Я кинулась в кухню, бросив на ходу, что приготовлю чай, но слышала, как Капитан рассказывал маме и сестре о каком-то колледже в Балтиморе, где очень хорошо учат музыке. Слова свистели у меня в ушах громче бури. Я поставила чайник, взяла чашки и ложки — с большим трудом, они стали какие-то тяжелые. Когда я пыталась открыть коробку с чаем, вошла бабушка и стала рядом, и я оцепенела от хриплого шепота.

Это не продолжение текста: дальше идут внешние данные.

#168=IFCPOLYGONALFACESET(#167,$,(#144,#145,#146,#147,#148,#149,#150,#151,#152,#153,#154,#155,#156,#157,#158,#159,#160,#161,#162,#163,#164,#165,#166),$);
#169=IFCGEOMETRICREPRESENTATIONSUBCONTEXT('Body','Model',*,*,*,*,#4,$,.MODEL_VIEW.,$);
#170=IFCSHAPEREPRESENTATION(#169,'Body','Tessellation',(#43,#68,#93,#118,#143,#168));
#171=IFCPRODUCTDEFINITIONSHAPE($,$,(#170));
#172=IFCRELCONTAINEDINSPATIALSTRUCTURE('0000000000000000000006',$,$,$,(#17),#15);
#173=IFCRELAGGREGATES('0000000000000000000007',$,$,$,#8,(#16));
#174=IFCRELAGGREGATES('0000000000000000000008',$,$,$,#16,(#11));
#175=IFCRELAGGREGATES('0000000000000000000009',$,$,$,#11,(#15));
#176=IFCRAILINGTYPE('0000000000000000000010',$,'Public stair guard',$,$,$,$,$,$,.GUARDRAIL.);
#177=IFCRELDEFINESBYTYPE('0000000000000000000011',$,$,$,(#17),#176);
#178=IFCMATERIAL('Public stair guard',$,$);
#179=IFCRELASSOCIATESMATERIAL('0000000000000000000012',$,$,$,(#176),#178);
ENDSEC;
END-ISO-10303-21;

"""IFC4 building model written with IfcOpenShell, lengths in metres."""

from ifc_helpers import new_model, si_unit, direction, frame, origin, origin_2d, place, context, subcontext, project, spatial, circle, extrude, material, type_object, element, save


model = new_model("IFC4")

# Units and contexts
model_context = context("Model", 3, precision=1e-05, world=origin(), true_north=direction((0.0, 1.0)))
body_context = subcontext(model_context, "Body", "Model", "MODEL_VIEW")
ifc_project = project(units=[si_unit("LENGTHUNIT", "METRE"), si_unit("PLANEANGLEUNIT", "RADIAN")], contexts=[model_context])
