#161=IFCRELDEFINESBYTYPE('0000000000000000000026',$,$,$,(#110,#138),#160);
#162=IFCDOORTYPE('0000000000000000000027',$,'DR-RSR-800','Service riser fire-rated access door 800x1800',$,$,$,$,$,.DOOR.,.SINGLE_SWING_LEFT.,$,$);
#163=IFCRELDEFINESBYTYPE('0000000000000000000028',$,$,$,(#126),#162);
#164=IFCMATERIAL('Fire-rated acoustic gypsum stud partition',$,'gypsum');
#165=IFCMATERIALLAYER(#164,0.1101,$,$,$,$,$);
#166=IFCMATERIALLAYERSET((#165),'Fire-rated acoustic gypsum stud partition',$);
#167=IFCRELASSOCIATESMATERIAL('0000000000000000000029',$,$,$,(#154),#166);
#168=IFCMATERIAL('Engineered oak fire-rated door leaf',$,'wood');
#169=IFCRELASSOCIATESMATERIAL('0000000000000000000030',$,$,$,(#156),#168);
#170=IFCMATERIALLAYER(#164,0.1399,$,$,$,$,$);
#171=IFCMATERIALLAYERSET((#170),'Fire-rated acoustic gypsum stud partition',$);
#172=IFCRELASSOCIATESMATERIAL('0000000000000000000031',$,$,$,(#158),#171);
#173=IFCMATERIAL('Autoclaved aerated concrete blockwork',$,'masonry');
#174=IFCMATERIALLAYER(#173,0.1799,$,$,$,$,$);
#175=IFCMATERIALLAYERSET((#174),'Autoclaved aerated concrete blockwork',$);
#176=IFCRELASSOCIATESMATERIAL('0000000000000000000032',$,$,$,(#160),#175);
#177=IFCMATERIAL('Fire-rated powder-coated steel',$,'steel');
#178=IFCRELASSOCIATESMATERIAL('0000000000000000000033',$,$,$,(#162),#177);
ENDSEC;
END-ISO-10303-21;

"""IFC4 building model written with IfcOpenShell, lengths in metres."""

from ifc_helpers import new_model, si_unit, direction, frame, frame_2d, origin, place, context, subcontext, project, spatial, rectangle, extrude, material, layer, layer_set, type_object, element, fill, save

— К Римлянам, девять, тринадцать. «Иакова Я возлюбил, а Исава возненавидел».

Иакова Я возлюбил

Глава 15

Я разносила чай, прикрываясь посудой, чтобы не заметили улыбки.

— Спасибо, Луиза, — сказала мама.

Капитан кивнул мне, беря чашку с подноса. Каролина, оглушенная счастьем, наверное, меня не видела. Я унесла ее чашку на кухню, не обращая внимания на бабушку, которая улыбалась мне в дверях. Поставив поднос, я снова прошла мимо нее, чтобы скрыться в своей комнате. «Иакова Я возлюбил…» — начала она, но я пробежала поскорей к лестнице и вверх, по ступенькам.

Дверь свою я закрыла. Потом, ни о чем не думая, сняла платье, повесила его, надела ночную рубашку, залезла под одеяло и закрыла глаза. Шел четвертый час.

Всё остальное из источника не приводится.